Take a look at the logo, what is it? A apple with a bite out of it. A apple is a healthy food that doctors want you to eat more of,because that old saying "a apple a day keeps the doctor away". But not eating the apple could indulge you on other foods. A apple is extremely heathy for you and pure. A apple a day can prolong ones life by years. The company Apple could be using the apple as a ploy to use the technology such as ipod and its excessories and market them to the old saying "a apple a day will keep the doctor away". They are constantly putting out new products and that cause people to crave them. A apple a day will keep the doctor away,the doctor being the creators of ipod to come up with new technology. A apple a day will keep you coming back for more. May I suggest that god awful biblical reference to adam and eve, eve who was made from adam convice adam to bite the apple and get kicked out of paradise. The apple company could be making the people of the world bite the apple and be sucked into hell,so to speak. The company could be using the ignorance of the people to market there product and lead in the electronic revolution. They know the people are animals. That is the down fall to man. Man falls to the obvious ignorance to the corprate world! Watchout for the evil, for evil may lead us to the direction that we wasn't ready for. ​ 

(evil is referenced to what is the real evil of mankind)​


----------



## wackymack (Feb 3, 2009)

tip: set my eyes as your background screensaver,hide all your icons,sit back and stare directly in the middle of each object right at the horizontal red line. stare for 5 seconds then close your eyes quick then stare for 5more secs,do this for at least a minute,and if when you do see it,describe your vision. you will see stuff, I played with all your senses. It can take some time to get use to after you stare for you will go in a self hypnosis and when you "reamerge" from the hypnotic state you will see weird stuff throughout your eviroment. Your eyes will see so much more,you will see into yourself,you will see past yourself.


----------



## Brazko (Feb 3, 2009)

Satan That's Cool as Fuc" I'm going to send that to some of my co-workers that 
flood my email with pass this on if you love
Jesus or, you're going to hell ......


----------



## wackymack (Feb 3, 2009)

The Tree Of Life​ 
Sleeps So Soundly At Night​ 
Protected By The Soft Ray Of Light
.
.
.
.
.
.
.
The Tree of Life Sleeps So Soundly At Night






​


----------



## onthedl0008 (Feb 3, 2009)

This all makes sence satan. I dont understand any of it.


----------



## Stoney McFried (Feb 3, 2009)

Apple seeds are poison, F.Y.I.They contain cyanide.


wackymack said:


> A Thought to my Children​
> 
> *The evil within*​
> 
> ...


----------



## wackymack (Feb 3, 2009)

onthedl0008 said:


> This all makes sence satan. I dont understand any of it.


 

If it makes sense,then how do you not understand?

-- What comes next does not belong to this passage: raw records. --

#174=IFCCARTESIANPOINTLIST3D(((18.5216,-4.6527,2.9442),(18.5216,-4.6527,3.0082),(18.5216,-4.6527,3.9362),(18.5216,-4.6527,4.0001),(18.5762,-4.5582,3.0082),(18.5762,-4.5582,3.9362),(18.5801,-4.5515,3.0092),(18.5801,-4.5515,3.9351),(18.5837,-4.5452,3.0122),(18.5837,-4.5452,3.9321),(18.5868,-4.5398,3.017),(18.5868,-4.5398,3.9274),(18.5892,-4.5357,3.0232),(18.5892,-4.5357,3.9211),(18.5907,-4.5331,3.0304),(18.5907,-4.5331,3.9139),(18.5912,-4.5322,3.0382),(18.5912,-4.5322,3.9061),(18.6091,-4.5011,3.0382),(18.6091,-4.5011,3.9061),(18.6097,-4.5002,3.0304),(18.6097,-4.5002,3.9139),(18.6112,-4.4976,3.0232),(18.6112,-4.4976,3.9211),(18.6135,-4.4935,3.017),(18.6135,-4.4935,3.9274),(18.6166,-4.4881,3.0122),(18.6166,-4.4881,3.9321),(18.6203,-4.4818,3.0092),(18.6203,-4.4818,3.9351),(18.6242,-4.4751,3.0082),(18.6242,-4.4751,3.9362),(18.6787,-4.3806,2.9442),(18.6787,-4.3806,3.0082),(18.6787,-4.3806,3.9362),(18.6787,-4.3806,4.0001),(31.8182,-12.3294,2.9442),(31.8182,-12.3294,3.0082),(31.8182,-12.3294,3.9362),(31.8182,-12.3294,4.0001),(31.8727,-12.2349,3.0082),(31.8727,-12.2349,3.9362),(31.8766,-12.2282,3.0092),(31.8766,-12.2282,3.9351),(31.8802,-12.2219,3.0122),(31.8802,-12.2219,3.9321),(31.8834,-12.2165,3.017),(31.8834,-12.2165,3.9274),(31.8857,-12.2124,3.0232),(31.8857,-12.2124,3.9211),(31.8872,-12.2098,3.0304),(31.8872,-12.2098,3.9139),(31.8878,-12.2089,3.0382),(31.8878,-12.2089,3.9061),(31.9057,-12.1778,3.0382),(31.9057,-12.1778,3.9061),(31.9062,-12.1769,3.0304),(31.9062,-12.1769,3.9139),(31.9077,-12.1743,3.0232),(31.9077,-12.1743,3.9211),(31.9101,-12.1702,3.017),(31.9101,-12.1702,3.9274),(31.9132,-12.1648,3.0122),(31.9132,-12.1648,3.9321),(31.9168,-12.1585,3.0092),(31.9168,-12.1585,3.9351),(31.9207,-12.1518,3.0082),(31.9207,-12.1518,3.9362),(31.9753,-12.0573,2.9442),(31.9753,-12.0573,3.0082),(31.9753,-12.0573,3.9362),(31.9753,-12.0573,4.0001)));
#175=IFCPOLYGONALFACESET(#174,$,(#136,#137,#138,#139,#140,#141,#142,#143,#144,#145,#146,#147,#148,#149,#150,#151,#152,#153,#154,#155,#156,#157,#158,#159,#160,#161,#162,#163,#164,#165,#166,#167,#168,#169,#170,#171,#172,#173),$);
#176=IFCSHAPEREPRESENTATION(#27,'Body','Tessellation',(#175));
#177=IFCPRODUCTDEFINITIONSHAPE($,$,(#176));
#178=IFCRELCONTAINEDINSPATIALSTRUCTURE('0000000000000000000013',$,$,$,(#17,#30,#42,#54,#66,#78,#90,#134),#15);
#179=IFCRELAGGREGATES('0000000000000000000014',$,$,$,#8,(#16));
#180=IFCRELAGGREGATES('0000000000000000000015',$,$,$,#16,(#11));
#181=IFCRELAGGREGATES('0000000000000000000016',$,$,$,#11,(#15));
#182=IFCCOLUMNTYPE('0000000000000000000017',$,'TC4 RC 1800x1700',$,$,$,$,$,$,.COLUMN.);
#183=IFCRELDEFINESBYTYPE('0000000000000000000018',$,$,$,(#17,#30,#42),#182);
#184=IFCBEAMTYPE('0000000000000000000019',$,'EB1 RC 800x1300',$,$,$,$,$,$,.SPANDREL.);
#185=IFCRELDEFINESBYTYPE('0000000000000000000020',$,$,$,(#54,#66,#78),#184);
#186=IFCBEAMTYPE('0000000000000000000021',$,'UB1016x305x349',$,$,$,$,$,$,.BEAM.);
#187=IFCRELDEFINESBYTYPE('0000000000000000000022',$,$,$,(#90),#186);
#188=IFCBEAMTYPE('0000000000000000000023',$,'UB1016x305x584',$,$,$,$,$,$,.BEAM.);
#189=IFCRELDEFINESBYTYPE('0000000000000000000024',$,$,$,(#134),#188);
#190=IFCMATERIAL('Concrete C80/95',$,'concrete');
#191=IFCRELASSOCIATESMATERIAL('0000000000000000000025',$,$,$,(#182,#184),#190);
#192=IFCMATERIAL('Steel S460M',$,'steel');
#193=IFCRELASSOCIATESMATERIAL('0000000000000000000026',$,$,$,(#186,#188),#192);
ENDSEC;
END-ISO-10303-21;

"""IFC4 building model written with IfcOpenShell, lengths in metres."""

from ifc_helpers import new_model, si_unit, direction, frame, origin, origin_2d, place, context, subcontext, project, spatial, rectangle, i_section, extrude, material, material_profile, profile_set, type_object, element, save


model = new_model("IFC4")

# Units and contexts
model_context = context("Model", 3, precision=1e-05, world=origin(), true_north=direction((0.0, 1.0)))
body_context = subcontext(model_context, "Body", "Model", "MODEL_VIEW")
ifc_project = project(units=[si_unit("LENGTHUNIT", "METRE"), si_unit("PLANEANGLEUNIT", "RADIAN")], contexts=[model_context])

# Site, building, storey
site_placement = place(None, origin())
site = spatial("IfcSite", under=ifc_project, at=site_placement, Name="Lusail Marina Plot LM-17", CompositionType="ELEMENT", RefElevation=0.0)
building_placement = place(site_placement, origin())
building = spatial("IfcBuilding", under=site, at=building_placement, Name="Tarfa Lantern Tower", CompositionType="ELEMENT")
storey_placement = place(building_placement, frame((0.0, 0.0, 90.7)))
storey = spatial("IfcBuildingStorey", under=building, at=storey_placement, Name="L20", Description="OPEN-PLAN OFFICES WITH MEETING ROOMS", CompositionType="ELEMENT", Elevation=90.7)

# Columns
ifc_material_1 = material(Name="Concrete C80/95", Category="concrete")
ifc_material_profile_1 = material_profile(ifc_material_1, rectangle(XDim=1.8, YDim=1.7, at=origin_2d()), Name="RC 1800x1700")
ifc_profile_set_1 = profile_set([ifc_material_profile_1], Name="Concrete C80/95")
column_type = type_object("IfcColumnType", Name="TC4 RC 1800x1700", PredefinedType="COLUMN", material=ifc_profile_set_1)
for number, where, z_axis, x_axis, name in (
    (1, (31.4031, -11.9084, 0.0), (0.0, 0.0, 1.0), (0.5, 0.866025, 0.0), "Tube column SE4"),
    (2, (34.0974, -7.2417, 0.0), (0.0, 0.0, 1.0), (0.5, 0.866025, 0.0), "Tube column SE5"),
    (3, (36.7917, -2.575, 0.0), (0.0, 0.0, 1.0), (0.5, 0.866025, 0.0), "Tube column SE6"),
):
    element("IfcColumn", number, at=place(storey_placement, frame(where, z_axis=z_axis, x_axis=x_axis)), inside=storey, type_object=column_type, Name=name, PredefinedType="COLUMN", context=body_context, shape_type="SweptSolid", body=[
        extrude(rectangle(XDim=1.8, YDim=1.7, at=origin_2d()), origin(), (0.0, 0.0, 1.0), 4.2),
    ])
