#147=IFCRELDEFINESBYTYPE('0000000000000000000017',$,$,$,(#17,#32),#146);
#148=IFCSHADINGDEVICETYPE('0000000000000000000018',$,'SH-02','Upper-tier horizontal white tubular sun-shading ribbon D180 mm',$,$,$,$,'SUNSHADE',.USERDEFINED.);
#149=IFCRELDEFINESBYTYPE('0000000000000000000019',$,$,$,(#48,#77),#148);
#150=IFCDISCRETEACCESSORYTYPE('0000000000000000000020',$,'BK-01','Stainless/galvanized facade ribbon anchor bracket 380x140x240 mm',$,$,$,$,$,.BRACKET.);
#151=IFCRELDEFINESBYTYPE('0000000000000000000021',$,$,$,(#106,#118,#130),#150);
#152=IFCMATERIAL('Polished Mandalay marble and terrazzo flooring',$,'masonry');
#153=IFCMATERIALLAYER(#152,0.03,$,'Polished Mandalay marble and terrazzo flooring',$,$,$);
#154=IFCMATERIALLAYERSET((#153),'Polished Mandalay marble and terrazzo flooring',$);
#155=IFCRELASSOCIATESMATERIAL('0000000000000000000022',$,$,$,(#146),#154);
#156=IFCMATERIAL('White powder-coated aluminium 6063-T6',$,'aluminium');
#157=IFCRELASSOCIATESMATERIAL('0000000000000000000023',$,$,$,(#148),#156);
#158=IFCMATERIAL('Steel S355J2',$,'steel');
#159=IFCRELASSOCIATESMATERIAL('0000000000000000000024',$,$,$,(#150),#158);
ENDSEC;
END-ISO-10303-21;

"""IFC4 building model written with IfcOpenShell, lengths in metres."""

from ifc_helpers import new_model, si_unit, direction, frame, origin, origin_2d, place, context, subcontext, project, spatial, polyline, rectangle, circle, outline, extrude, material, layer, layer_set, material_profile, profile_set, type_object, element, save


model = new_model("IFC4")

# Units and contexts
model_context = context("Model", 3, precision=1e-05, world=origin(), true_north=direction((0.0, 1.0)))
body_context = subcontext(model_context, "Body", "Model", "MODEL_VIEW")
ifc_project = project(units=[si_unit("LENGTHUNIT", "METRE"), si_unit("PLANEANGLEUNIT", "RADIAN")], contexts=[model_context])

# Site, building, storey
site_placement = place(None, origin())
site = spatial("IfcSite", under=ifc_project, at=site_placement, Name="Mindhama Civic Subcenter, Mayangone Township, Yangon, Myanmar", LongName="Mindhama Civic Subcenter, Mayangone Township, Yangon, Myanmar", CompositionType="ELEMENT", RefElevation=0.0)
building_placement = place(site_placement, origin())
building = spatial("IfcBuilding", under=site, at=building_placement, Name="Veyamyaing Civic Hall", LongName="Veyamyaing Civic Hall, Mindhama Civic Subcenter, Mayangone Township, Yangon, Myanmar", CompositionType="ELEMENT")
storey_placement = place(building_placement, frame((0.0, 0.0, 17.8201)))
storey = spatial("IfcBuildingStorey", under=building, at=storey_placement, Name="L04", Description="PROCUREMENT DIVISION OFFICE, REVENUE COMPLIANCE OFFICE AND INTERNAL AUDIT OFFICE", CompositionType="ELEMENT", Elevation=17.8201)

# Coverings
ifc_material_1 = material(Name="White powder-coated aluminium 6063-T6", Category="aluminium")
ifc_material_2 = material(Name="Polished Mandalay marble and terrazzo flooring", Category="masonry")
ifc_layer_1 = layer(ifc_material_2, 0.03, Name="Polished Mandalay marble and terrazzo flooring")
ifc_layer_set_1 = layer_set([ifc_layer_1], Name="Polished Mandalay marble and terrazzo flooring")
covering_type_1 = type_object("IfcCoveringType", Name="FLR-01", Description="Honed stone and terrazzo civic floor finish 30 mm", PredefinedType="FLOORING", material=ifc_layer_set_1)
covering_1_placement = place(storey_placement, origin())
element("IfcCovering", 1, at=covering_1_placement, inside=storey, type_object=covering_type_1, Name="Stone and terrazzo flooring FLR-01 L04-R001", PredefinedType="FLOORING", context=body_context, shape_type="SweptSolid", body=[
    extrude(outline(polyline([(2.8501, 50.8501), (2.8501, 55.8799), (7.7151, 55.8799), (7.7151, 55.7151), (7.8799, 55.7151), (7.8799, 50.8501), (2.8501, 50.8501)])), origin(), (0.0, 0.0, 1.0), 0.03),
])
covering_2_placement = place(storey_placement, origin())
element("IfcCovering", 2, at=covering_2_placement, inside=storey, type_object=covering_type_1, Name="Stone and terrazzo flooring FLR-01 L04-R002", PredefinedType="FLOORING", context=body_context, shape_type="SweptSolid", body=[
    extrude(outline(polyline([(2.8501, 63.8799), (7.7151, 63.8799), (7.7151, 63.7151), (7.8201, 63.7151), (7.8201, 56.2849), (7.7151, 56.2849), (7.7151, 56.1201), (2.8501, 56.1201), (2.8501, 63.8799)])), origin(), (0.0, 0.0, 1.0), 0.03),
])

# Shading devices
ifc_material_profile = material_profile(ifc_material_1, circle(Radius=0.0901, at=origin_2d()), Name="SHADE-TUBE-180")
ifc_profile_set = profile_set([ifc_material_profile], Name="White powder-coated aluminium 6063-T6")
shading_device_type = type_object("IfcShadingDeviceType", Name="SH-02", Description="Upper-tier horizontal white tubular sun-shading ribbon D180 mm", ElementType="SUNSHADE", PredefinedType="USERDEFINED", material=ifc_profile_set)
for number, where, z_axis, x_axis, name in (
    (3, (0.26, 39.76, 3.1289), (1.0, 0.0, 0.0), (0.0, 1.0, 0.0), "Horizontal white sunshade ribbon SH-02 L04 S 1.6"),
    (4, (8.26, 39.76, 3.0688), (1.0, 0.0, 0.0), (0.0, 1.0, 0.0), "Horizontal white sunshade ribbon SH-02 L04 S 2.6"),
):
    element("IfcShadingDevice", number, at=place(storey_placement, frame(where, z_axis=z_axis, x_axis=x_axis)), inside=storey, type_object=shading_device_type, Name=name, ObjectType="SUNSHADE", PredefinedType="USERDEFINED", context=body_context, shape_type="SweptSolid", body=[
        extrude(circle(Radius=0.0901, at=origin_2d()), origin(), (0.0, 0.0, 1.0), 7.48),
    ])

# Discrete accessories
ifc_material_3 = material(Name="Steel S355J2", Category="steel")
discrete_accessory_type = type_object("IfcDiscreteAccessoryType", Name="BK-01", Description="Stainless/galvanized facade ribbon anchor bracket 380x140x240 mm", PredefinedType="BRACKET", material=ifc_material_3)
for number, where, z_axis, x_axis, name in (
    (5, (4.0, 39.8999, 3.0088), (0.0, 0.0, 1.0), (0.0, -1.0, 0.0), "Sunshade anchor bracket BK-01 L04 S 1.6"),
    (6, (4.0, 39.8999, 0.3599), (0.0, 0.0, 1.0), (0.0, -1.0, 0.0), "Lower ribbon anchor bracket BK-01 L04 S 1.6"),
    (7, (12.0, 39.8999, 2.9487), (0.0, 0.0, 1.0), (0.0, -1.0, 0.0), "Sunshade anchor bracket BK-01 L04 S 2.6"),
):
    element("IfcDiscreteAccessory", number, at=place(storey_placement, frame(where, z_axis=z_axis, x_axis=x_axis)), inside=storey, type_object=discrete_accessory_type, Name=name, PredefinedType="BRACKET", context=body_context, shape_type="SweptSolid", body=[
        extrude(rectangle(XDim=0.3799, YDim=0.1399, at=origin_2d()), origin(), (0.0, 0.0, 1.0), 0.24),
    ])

Are you referencing to the fact of the madness makes sense and you understand,but cannot explain the why? If that is the case then soon child,you will learn the why to this so called thing of life.

Soon child,be patient, soon the reveal will take place. You will fall to your knees when you see the light.


----------



## wackymack (Feb 3, 2009)

Stoney McFried said:


> Apple seeds are poison, F.Y.I.They contain cyanide.


 

Yes,that is why its the forbidden fruit. Its healthy but it will bring you to your grave


----------



## Stoney McFried (Feb 3, 2009)

I always say, "Live healthy, eat well, die anyway."


wackymack said:


> Yes,that is why its the forbidden fruit. Its healthy but it will bring you to your grave


----------



## onthedl0008 (Feb 4, 2009)

wackymack said:


> If it makes sense,then how do you not understand?
> 
> Are you referencing to the fact of the madness makes sense and you understand,but cannot explain the why? If that is the case then soon child,you will learn the why to this so called thing of life.
> 
> Soon child,be patient, soon the reveal will take place. You will fall to your knees when you see the light.


Yes satan this is exactly it. Exactly. I feel much better now.
Ur a good satan for sure.


----------



## wackymack (Feb 4, 2009)

onthedl0008 said:


> Yes satan this is exactly it. Exactly. I feel much better now.
> Ur a good satan for sure.


 

Good, good more madness will soon erupt!!!


Satan has a seedling that topped itself,now its appearing that it fimed itself,its so destructivly evil


----------



## wackymack (Feb 4, 2009)

Remember,I can see into you


----------



## tokintwin (Feb 4, 2009)

God is the way!!!!!


----------



## "SICC" (Feb 4, 2009)

hey satan, hows it goin? my short term memory is fuc'd man, i cant remeber shit now haha, i migt forget my loyalty to thee, what can i do, how many babies do i have to kill?


----------



## wackymack (Feb 4, 2009)

[quote="SICC";2035718]hey satan, hows it goin? my short term memory is fuc'd man, i cant remeber shit now haha, i migt forget my loyalty to thee, what can i do, how many babies do i have to kill?[/quote]


None since you already killed your first born son


Loyalty lies within the boundries of commitment,commit yourself,and ask yourself do you trust me?


----------



## carcass91 (Feb 5, 2009)

I dunno... I hate Satan 

Has fucked with me many times... man..

In positivity we believe... Nothing negative shall harm u...

\m/\m/ = 666 = Metal and *NOT* Satan


----------



## wackymack (Feb 5, 2009)

carcass91 said:


> I dunno... I hate Satan
> 
> Has fucked with me many times... man..
> 
> ...


 

I have not harmed you in any way,it was your fellow man who brought injustice into your world. Believe in the vision you see and harm will be a thing of the past.


----------



## carcass91 (Feb 5, 2009)

wackymack said:


> I have not harmed you in any way,it was your fellow man who brought injustice into your world. Believe in the vision you see and harm will be a thing of the past.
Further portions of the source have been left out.